Greetings, AoPS! IndyINTEGIRLS will be hosting a virtual math competition on May 25,
2024 from 12 PM to 3 PM EST. Join other woman-identifying and/or non-binary "STEMinists" in solving problems, socializing, playing games, winning prizes, and more! If you are interested in competing, please register here![/center]

----------

[center]Important Information[/center]

Eligibility: This competition is open to all woman-identifying and non-binary students in middle and high school. Non-Indiana residents and international students are welcome as well!

Format: There will be a middle school and high school division. In each separate division, there will be an individual round and a team round, where students are grouped into teams of 3-4 and collaboratively solve a set of difficult problems. There will also be a buzzer/countdown/Kahoot-style round, where students from both divisions are grouped together to compete in a MATHCOUNTS-style countdown round!

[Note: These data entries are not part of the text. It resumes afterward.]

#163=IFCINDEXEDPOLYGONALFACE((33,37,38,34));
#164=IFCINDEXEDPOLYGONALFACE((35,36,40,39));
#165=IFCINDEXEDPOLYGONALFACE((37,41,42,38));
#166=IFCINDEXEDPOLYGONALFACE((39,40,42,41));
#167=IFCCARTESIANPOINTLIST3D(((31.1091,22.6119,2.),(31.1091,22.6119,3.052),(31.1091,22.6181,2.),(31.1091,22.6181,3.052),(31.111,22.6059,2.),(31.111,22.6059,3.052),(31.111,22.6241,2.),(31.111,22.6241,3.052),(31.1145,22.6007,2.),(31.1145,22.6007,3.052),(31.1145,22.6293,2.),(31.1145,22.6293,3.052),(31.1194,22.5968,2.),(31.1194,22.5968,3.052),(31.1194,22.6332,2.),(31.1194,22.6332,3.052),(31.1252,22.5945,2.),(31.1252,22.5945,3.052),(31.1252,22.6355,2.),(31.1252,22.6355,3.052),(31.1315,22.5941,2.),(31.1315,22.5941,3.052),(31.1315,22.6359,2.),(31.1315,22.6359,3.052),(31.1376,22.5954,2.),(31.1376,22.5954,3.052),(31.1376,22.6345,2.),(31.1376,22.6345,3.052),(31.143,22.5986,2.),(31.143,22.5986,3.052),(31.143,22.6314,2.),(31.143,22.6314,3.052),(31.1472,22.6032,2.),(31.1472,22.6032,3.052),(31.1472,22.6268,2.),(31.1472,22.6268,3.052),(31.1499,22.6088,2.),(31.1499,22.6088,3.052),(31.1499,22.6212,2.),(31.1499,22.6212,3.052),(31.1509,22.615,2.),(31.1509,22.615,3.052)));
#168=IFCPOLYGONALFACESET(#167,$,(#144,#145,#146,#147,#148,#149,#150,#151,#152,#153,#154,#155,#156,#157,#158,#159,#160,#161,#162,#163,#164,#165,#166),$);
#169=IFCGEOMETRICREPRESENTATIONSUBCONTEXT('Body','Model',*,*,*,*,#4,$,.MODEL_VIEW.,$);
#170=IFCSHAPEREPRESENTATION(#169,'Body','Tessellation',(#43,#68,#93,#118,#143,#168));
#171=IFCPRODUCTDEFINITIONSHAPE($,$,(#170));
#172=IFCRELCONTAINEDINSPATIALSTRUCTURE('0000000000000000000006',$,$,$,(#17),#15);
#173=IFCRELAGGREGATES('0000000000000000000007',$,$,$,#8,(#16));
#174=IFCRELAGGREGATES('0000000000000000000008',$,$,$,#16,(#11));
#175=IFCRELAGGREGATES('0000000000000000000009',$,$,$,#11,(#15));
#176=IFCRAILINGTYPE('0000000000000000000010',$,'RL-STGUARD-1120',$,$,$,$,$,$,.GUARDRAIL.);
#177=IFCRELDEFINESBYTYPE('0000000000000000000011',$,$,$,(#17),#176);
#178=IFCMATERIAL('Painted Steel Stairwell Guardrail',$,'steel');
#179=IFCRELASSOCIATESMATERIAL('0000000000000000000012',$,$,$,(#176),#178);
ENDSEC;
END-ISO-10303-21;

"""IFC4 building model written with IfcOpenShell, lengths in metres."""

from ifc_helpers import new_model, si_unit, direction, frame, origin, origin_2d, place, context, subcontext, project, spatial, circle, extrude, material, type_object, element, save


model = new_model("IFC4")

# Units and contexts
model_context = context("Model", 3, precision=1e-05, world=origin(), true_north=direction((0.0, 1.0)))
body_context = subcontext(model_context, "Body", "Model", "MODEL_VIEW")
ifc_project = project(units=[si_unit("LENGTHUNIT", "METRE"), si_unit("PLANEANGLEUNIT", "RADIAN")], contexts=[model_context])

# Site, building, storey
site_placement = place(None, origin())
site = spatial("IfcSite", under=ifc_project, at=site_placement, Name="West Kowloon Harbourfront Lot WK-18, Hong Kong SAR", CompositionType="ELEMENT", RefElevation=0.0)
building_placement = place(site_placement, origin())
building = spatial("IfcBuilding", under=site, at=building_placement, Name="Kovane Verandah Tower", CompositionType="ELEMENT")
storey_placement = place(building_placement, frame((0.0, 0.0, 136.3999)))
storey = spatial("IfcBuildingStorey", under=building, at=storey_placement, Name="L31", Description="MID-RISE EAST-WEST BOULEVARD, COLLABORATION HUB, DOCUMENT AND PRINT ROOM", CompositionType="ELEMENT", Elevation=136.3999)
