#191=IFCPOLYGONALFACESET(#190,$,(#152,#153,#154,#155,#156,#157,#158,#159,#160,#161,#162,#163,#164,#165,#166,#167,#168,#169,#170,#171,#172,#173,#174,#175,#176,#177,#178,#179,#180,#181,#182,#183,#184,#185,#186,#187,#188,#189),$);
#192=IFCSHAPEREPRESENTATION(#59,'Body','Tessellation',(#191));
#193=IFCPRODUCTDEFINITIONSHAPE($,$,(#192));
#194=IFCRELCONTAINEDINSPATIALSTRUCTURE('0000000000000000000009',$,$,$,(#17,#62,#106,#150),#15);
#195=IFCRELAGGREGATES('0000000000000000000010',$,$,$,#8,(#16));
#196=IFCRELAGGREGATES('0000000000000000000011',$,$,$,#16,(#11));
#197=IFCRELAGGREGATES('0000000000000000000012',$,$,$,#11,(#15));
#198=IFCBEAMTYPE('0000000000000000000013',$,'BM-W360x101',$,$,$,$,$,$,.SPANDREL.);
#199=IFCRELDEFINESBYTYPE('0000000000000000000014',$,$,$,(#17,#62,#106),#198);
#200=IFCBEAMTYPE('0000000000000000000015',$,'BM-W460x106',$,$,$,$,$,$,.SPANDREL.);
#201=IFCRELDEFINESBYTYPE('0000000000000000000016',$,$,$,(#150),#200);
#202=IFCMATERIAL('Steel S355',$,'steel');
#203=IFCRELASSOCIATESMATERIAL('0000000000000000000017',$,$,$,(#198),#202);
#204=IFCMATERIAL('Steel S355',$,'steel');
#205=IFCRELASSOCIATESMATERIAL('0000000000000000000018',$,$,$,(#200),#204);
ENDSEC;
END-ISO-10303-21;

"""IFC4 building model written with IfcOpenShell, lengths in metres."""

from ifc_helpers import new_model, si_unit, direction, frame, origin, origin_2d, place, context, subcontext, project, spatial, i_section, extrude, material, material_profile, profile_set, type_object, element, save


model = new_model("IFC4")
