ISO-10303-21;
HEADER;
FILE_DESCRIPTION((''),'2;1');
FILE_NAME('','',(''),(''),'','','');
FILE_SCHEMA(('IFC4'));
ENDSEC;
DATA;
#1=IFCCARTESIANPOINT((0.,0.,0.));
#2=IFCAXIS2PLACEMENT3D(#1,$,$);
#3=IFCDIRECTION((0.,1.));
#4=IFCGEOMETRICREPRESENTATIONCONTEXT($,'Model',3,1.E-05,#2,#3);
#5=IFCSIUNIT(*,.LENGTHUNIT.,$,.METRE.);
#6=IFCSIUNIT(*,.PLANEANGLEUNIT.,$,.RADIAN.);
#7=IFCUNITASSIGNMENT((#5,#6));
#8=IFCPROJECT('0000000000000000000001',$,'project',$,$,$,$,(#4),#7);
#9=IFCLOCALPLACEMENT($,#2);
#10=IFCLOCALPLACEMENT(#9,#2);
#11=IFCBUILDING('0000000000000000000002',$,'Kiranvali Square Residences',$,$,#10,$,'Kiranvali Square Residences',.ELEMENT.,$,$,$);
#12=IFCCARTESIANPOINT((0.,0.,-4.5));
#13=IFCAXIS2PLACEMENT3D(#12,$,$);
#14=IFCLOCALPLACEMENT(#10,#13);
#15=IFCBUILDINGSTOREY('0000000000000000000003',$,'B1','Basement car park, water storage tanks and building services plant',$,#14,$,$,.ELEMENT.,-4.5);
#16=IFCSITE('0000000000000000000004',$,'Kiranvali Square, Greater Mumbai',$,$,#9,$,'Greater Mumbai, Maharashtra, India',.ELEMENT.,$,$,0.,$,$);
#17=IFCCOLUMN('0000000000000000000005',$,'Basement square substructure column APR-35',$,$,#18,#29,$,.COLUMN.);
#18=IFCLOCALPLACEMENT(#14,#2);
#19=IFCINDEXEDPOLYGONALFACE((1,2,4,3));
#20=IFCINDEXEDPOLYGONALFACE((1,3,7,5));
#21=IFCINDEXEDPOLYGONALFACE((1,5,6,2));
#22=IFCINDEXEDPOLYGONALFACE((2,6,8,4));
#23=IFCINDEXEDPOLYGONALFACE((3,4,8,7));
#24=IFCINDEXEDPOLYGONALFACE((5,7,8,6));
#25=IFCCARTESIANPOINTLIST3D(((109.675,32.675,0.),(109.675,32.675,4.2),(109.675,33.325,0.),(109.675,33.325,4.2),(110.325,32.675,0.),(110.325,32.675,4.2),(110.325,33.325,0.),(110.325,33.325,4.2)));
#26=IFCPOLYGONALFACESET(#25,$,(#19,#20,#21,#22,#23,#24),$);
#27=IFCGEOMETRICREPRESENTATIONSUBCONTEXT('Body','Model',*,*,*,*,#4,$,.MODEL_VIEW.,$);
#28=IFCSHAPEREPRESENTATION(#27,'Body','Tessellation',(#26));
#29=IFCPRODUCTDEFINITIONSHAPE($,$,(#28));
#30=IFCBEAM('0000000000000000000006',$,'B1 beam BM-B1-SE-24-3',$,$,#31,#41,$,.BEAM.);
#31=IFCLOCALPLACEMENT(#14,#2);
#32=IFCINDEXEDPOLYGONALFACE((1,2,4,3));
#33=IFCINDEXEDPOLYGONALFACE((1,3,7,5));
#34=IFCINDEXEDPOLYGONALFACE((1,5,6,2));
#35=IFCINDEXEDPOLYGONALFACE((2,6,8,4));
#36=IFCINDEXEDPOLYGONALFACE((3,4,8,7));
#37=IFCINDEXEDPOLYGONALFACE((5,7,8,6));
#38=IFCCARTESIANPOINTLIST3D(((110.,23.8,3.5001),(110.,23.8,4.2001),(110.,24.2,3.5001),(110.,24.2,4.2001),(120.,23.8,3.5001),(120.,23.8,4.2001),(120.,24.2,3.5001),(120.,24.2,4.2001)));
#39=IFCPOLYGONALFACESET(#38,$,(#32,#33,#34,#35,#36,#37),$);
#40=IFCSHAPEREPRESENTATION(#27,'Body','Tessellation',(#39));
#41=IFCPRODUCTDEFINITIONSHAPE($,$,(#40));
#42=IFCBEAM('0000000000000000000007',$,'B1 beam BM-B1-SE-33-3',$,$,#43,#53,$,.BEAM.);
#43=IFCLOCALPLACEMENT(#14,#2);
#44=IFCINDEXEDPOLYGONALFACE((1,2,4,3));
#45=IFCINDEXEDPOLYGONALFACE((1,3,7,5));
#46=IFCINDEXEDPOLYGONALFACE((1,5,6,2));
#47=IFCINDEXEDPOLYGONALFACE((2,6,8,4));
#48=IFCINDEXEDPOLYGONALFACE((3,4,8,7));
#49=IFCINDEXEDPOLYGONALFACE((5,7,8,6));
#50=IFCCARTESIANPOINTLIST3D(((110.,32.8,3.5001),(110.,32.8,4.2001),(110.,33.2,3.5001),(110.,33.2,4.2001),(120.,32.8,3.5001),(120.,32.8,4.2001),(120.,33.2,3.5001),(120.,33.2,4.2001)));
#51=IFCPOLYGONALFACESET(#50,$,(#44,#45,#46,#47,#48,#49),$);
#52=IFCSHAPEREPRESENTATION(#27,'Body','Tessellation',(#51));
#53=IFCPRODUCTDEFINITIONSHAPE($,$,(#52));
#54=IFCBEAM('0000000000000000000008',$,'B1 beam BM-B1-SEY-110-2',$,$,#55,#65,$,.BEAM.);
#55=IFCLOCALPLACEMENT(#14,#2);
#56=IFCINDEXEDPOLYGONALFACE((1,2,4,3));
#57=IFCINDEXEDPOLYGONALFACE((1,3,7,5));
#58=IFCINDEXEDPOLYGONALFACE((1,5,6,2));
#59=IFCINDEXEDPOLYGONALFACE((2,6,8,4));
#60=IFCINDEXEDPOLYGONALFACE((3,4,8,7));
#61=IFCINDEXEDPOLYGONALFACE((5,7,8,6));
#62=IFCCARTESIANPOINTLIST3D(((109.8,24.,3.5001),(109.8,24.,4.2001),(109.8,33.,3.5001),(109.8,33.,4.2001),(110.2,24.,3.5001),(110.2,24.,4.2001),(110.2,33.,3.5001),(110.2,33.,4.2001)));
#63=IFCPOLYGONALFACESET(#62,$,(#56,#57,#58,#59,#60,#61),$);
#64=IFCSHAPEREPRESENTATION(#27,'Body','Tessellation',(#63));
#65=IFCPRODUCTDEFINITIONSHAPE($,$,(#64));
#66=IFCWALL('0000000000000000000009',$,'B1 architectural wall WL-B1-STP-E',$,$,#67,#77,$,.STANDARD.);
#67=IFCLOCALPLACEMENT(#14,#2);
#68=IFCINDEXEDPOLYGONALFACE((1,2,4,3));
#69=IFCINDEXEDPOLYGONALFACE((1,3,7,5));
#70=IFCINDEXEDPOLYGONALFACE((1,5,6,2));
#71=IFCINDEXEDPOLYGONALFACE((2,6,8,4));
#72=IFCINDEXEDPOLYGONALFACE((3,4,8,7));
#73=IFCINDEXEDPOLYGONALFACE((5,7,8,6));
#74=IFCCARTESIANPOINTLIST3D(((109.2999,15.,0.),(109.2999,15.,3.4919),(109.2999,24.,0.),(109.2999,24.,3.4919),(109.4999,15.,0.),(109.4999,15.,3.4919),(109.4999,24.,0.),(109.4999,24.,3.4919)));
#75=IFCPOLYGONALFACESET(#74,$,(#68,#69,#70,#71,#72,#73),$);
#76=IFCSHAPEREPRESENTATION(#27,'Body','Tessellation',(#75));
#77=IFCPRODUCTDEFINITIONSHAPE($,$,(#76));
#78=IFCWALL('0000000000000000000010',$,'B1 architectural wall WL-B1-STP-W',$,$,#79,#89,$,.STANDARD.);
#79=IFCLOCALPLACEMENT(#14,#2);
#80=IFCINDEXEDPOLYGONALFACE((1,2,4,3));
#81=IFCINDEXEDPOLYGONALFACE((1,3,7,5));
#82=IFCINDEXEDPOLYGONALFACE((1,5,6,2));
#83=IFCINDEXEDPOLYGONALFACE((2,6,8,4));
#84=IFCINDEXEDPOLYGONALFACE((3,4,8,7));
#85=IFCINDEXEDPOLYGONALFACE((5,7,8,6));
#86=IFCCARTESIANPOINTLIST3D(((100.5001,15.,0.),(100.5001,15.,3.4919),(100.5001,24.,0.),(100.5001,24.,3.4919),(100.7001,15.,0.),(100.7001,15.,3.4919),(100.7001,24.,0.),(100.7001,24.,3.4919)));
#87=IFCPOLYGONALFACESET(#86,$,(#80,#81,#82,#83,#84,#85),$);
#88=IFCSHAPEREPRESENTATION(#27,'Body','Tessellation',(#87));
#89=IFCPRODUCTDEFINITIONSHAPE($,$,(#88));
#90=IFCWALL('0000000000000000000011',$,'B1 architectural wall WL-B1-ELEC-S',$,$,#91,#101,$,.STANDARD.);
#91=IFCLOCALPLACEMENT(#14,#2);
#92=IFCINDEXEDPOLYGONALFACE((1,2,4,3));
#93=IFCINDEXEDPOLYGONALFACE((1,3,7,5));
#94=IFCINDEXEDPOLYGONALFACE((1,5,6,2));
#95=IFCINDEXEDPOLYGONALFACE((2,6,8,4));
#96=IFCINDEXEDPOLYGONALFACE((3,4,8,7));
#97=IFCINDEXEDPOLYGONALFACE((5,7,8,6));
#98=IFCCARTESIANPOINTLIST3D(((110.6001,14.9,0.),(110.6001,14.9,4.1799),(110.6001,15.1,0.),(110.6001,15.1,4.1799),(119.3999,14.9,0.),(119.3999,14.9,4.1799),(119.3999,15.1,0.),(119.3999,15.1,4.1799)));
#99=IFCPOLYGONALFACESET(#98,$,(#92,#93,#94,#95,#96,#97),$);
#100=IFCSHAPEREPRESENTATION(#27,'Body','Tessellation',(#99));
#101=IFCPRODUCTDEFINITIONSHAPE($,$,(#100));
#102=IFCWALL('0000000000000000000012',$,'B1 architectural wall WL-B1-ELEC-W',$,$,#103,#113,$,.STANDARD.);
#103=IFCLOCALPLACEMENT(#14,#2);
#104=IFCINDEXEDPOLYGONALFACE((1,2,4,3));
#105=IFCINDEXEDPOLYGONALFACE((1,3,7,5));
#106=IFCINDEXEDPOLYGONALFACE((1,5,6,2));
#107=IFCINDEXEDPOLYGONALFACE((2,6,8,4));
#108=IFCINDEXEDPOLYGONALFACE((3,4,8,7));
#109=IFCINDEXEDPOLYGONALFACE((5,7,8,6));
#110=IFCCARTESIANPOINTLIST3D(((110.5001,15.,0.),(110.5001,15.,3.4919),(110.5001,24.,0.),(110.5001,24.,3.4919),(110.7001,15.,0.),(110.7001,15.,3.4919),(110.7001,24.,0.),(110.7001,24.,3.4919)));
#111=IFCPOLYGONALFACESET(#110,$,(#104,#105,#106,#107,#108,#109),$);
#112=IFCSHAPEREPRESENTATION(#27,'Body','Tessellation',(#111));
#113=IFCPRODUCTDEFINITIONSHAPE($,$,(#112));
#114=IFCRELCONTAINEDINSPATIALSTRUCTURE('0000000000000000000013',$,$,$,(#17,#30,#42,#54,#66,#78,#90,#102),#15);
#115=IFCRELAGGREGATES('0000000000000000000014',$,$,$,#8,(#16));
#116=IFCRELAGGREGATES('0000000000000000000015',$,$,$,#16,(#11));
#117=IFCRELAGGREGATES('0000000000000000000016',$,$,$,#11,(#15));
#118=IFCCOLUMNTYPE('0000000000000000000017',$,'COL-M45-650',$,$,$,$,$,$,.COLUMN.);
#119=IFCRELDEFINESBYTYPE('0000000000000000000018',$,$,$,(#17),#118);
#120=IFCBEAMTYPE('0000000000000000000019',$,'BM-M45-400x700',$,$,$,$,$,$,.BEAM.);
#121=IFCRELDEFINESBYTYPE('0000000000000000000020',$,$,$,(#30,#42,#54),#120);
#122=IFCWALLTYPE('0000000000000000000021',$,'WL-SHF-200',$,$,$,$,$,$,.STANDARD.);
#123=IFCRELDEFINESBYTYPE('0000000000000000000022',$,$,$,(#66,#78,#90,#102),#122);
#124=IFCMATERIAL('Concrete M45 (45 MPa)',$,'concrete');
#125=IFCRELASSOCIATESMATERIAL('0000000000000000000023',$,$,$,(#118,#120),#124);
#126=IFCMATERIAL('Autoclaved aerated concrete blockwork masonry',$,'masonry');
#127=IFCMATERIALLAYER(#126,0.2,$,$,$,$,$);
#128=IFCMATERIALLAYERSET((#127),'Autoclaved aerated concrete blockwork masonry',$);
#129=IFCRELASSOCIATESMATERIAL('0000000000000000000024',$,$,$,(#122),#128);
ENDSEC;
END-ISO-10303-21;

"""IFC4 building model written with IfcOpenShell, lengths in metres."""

from ifc_helpers import new_model, si_unit, direction, frame, frame_2d, origin, origin_2d, place, context, subcontext, project, spatial, rectangle, extrude, material, layer, layer_set, material_profile, profile_set, type_object, element, save


model = new_model("IFC4")

# Units and contexts
model_context = context("Model", 3, precision=1e-05, world=origin(), true_north=direction((0.0, 1.0)))
body_context = subcontext(model_context, "Body", "Model", "MODEL_VIEW")
ifc_project = project(units=[si_unit("LENGTHUNIT", "METRE"), si_unit("PLANEANGLEUNIT", "RADIAN")], contexts=[model_context])

# Site, building, storey
site_placement = place(None, origin())
site = spatial("IfcSite", under=ifc_project, at=site_placement, Name="Kiranvali Square, Greater Mumbai", LongName="Greater Mumbai, Maharashtra, India", CompositionType="ELEMENT", RefElevation=0.0)
building_placement = place(site_placement, origin())
building = spatial("IfcBuilding", under=site, at=building_placement, Name="Kiranvali Square Residences", LongName="Kiranvali Square Residences", CompositionType="ELEMENT")
storey_placement = place(building_placement, frame((0.0, 0.0, -4.5)))
storey = spatial("IfcBuildingStorey", under=building, at=storey_placement, Name="B1", Description="Basement car park, water storage tanks and building services plant", CompositionType="ELEMENT", Elevation=-4.5)

# Column
ifc_material_1 = material(Name="Concrete M45 (45 MPa)", Category="concrete")
ifc_material_profile_1 = material_profile(ifc_material_1, rectangle(XDim=0.6499, YDim=0.6499, at=origin_2d()), Name="RC 650x650")
ifc_profile_set_1 = profile_set([ifc_material_profile_1], Name="Concrete M45 (45 MPa)")
column_type_1 = type_object("IfcColumnType", Name="COL-M45-650", PredefinedType="COLUMN", material=ifc_profile_set_1)
for number, where, z_axis, x_axis, name in (
    (1, (110.0, 33.0, 0.0), (0.0, 0.0, 1.0), (1.0, 0.0, 0.0), "Basement square substructure column APR-35"),
):
    element("IfcColumn", number, at=place(storey_placement, frame(where, z_axis=z_axis, x_axis=x_axis)), inside=storey, type_object=column_type_1, Name=name, PredefinedType="COLUMN", context=body_context, shape_type="SweptSolid", body=[
        extrude(rectangle(XDim=0.6499, YDim=0.6499, at=origin_2d()), origin(), (0.0, 0.0, 1.0), 4.2),
    ])

# Beams
ifc_material_profile_2 = material_profile(ifc_material_1, rectangle(XDim=0.3999, YDim=0.7, at=origin_2d()), Name="RC 400x700")
ifc_profile_set_2 = profile_set([ifc_material_profile_2], Name="Concrete M45 (45 MPa)")
beam_type = type_object("IfcBeamType", Name="BM-M45-400x700", PredefinedType="BEAM", material=ifc_profile_set_2)
for number, where, z_axis, x_axis, name in (
    (2, (110.0, 24.0, 3.8501), (1.0, 0.0, 0.0), (0.0, 1.0, 0.0), "B1 beam BM-B1-SE-24-3"),
    (3, (110.0, 33.0, 3.8501), (1.0, 0.0, 0.0), (0.0, 1.0, 0.0), "B1 beam BM-B1-SE-33-3"),
):
    element("IfcBeam", number, at=place(storey_placement, frame(where, z_axis=z_axis, x_axis=x_axis)), inside=storey, type_object=beam_type, Name=name, PredefinedType="BEAM", context=body_context, shape_type="SweptSolid", body=[
        extrude(rectangle(XDim=0.3999, YDim=0.7, at=origin_2d()), origin(), (0.0, 0.0, 1.0), 10.0),
    ])
beam_placement = place(storey_placement, frame((110.0, 24.0, 3.8501), z_axis=(0.0, 1.0, 0.0), x_axis=(-1.0, 0.0, 0.0)))
element("IfcBeam", 4, at=beam_placement, inside=storey, type_object=beam_type, Name="B1 beam BM-B1-SEY-110-2", PredefinedType="BEAM", context=body_context, shape_type="SweptSolid", body=[
    extrude(rectangle(XDim=0.3999, YDim=0.7, at=origin_2d()), origin(), (0.0, 0.0, 1.0), 9.0),
])

# Wall
ifc_material_2 = material(Name="Autoclaved aerated concrete blockwork masonry", Category="masonry")
ifc_layer = layer(ifc_material_2, 0.2)
ifc_layer_set = layer_set([ifc_layer], Name="Autoclaved aerated concrete blockwork masonry")
wall_type = type_object("IfcWallType", Name="WL-SHF-200", PredefinedType="STANDARD", material=ifc_layer_set)
wall_1_placement = place(storey_placement, frame((109.3999, 15.0, 0.0), z_axis=(0.0, 0.0, 1.0), x_axis=(0.0, 1.0, 0.0)))
element("IfcWall", 5, at=wall_1_placement, inside=storey, type_object=wall_type, Name="B1 architectural wall WL-B1-STP-E", PredefinedType="STANDARD", context=body_context, shape_type="SweptSolid", body=[
    extrude(rectangle(XDim=9.0, YDim=0.2, at=frame_2d((4.5, 0.0))), origin(), (0.0, 0.0, 1.0), 3.4919),
])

There will be prizes for the top competitors in each division.

Problem Difficulty: Our amazing team of problem writers is working hard to ensure that there will be problems for problem-solvers of all levels! The middle school problems will range from MATHCOUNTS school round to AMC 10 level, while the high school problems will be for more advanced problem-solvers. The team round problems will cover various difficulty levels and are meant to be more difficult, while the countdown/buzzer/Kahoot round questions will be similar to MATHCOUNTS state to MATHCOUNTS Nationals countdown round in difficulty.

Platform: This contest will be held virtually through Zoom. All competitors are required to have their cameras turned on at all times unless they have a reason for otherwise. Proctors and volunteers will be monitoring students at all times to prevent cheating and to create a fair environment for all students.

Prizes: At this moment, prizes are TBD, and more information will be provided and attached to this post as the competition date approaches. Rest assured, IndyINTEGIRLS has historically given out very generous cash prizes, and we intend on maintaining this generosity into our Spring Competition.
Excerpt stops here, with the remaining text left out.